Love Me for Who I Am - Prologue
Blaine Anderson sat in his car, hands gripping the steering wheel, eyes focused on the Hummel-Hudson household. He didn’t know how long he had been staring at the front door; how long he had been yearning to go inside. Blaine loved this house. He spent so much time at Kurt’s that Blaine (rather guiltily) like to think it was his home too. He was invited to practically all of the family dinners and movies and had long ago lost track of the hours spent just hanging out at the house. The more time he spent inside, the less he wanted to leave. He knew he shouldn’t overstay his welcome but both Burt and Carole always welcomed and accepted his presence at the house as if he belonged there. It was as if he was part of the family. Such an idea both thrilled and terrified him; to feel such an overwhelming sense of belonging and acceptance was a foreign concept to Blaine. He had difficulty believing it as his own family never showed him the same affection. And with what had transpired today, Blaine had his doubts that his family even wanted him around anymore.

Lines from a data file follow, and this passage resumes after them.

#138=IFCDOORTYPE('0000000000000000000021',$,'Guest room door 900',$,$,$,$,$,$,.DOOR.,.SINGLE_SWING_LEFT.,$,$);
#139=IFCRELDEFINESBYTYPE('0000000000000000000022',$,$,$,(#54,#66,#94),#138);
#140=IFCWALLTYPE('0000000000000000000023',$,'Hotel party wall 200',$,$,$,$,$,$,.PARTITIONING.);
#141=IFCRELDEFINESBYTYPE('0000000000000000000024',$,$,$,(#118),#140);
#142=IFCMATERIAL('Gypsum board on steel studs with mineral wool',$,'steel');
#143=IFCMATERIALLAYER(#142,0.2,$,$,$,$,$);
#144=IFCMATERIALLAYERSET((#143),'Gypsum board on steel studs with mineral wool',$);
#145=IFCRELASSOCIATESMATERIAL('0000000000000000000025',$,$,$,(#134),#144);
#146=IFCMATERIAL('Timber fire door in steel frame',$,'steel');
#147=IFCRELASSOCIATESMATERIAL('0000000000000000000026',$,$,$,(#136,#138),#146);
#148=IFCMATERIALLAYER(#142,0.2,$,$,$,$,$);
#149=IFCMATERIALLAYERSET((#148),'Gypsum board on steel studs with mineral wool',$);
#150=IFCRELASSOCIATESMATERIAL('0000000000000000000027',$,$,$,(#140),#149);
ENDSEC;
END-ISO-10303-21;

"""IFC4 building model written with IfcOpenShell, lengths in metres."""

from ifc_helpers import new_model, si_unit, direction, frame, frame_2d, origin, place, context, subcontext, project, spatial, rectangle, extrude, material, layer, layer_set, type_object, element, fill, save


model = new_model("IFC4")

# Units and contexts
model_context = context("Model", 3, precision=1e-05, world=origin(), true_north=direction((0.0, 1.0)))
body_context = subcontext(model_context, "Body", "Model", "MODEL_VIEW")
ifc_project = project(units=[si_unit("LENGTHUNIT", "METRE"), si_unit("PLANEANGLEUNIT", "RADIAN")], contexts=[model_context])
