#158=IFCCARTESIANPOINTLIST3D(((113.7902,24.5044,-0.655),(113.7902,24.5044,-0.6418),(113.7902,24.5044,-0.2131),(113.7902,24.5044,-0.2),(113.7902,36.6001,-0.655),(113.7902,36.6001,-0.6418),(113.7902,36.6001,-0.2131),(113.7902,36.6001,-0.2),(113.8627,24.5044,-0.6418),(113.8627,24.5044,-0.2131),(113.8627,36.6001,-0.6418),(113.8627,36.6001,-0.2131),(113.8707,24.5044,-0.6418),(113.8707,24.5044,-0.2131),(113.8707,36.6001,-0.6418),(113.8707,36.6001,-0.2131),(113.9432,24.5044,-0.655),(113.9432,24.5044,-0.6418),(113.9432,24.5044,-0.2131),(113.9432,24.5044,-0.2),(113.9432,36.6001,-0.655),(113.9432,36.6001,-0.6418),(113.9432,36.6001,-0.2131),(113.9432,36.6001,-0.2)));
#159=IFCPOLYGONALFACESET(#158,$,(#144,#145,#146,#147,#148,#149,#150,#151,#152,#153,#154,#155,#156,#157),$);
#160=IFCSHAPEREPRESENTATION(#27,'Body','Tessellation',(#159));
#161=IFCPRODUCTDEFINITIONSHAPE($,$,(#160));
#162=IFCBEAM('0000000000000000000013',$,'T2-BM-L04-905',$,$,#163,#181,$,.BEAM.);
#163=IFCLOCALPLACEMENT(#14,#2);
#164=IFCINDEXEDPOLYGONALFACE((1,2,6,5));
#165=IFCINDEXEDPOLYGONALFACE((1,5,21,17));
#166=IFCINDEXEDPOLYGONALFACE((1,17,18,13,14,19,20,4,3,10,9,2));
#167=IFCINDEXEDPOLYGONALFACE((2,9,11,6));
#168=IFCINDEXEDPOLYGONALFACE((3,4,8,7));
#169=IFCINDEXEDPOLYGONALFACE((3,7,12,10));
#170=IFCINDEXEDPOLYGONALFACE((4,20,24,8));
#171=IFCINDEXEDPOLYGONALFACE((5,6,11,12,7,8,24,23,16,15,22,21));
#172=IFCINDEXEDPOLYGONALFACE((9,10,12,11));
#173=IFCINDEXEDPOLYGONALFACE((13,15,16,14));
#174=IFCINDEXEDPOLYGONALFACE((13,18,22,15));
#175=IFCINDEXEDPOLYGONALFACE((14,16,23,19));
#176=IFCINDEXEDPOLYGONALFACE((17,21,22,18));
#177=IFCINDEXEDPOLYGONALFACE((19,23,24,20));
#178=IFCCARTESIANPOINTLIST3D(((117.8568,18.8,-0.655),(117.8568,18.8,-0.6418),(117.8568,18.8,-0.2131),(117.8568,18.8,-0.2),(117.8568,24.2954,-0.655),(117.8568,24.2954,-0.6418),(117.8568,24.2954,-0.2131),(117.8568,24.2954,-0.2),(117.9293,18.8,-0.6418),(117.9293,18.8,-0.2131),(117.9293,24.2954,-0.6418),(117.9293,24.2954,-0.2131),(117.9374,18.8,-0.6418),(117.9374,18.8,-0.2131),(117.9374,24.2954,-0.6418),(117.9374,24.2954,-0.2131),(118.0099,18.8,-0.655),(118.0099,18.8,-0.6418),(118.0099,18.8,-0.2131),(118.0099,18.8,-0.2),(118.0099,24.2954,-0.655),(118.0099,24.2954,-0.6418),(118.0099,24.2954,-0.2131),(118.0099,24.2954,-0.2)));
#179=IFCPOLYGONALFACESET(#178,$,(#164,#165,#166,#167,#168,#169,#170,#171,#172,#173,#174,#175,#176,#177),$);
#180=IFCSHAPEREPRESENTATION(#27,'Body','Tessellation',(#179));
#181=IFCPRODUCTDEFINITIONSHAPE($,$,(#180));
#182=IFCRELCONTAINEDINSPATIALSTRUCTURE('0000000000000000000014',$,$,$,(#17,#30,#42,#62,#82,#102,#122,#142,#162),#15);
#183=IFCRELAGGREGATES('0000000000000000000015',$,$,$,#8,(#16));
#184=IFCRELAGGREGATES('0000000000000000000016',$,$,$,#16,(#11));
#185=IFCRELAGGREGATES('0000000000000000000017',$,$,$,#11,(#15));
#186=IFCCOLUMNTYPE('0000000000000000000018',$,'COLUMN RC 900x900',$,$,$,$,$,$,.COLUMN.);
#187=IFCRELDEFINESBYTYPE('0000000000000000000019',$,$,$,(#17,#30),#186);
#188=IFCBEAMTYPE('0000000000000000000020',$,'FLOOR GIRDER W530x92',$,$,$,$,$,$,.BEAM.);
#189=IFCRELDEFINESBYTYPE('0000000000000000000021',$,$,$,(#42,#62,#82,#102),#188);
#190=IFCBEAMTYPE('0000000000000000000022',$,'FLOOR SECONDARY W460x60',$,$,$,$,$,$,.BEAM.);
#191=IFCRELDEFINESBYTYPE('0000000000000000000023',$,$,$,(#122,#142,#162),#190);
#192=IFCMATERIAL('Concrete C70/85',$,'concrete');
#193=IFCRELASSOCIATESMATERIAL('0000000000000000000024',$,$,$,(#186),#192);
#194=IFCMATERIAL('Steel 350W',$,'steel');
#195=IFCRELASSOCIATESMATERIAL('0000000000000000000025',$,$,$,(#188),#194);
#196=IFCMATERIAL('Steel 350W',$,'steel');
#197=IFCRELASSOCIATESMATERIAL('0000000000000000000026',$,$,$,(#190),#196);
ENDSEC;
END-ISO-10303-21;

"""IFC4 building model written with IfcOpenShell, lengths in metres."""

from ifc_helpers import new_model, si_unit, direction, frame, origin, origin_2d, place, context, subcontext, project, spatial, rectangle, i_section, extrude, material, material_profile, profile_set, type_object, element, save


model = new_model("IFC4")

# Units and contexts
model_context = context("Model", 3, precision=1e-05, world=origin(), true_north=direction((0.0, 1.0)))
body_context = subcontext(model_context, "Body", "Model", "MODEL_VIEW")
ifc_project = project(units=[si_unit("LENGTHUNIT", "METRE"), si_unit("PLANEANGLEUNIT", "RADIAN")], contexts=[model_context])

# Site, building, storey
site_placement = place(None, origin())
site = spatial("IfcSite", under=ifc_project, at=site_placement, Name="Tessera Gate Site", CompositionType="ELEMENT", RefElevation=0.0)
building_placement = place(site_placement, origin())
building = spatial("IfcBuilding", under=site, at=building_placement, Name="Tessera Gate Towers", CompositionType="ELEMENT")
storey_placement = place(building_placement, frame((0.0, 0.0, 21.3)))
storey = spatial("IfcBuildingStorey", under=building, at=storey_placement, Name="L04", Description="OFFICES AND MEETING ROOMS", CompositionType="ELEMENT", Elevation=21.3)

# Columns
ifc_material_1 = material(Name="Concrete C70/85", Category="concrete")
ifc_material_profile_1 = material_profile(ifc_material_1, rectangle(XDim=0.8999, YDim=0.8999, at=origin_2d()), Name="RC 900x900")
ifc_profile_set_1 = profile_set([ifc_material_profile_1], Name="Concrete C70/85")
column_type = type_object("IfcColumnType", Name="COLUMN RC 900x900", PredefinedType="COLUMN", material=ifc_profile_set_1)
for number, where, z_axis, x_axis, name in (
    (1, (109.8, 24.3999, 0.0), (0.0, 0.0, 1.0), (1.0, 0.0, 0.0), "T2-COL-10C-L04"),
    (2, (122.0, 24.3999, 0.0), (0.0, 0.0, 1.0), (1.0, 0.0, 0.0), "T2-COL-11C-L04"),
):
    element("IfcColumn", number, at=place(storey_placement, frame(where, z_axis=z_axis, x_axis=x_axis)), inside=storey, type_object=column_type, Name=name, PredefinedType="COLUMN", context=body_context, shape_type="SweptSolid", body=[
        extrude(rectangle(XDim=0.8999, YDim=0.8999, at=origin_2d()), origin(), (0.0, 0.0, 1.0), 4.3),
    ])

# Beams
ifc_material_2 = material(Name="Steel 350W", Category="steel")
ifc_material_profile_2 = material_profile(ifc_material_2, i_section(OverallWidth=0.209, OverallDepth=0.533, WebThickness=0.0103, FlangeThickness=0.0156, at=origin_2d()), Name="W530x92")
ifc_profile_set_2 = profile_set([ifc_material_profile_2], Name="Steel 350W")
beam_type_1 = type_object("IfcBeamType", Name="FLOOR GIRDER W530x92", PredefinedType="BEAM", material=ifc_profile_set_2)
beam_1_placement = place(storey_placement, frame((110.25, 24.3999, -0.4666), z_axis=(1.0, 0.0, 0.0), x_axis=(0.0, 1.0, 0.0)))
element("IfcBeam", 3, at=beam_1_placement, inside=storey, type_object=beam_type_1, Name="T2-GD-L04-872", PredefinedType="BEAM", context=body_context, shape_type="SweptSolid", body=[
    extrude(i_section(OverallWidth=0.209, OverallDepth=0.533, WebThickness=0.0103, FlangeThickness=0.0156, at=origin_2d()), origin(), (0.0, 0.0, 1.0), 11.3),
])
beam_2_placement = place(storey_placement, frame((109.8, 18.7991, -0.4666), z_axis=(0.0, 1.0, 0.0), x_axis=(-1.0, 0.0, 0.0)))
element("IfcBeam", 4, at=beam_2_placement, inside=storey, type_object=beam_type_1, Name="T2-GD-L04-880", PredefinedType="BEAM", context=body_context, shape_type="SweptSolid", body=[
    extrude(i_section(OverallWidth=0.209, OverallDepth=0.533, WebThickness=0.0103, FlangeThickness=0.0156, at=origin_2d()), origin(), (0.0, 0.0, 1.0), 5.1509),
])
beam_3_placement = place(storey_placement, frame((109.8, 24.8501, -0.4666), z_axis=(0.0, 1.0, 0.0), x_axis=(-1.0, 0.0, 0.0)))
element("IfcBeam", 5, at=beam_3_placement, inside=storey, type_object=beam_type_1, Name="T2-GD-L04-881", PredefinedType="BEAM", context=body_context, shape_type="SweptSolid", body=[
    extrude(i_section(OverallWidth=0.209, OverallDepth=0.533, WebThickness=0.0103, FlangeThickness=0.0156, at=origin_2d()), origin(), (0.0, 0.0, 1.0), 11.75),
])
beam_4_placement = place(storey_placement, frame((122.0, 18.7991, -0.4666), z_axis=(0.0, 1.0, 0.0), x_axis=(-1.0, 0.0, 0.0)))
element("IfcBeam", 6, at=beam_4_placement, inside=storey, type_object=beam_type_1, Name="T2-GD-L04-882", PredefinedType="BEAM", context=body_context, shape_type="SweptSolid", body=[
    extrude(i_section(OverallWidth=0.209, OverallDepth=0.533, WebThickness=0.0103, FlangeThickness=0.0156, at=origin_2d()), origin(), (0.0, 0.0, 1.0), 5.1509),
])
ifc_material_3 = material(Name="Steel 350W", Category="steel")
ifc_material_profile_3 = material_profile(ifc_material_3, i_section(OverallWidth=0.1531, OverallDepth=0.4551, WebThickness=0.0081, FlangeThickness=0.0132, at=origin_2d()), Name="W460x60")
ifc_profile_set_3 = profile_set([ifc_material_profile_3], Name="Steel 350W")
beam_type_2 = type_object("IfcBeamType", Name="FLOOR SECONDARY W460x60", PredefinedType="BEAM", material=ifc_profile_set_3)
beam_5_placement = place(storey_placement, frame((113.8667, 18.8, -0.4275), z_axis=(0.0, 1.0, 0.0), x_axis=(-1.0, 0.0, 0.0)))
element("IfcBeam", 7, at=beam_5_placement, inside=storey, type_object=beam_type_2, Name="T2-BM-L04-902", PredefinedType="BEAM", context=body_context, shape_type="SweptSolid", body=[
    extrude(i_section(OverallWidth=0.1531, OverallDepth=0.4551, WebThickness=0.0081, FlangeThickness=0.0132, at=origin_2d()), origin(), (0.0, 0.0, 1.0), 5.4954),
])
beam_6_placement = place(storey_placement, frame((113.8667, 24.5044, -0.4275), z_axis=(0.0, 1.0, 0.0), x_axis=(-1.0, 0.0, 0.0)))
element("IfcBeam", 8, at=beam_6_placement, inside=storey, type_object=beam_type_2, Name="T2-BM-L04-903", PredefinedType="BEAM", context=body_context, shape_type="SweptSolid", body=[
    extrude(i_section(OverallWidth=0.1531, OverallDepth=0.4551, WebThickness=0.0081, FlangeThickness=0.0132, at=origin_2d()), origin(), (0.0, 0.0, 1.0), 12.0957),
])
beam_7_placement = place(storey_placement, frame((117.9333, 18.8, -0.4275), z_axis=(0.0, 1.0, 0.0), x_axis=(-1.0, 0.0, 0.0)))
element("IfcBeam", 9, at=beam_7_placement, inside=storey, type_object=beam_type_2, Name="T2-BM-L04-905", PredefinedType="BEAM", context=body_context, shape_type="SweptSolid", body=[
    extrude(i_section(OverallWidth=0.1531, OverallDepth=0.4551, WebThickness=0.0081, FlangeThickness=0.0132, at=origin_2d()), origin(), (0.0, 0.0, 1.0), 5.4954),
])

Blaine remained motionless, wondering how he had gotten to this point; how he had missed all the signs. They had been there, of course - maybe he just didn’t want to see them. He finally undid his seatbelt and tore his gaze away from Kurt’s house. He wanted to see Kurt so desperately, but that would mean explaining everything. He knew Kurt would be nothing but supportive but Blaine didn’t want to burden him with his problems; especially this one. The longer he sat in the car however, the more desperate his desire to see Kurt became. Though every fibre of his being was screaming at him to leave the car, craving Kurt’s presence, Blaine couldn’t seem to gather the strength to actually do it. Sighing loudly to prevent tears from falling, Blaine replayed the events of the afternoon in his head for the hundredth time. He really should have seen this coming.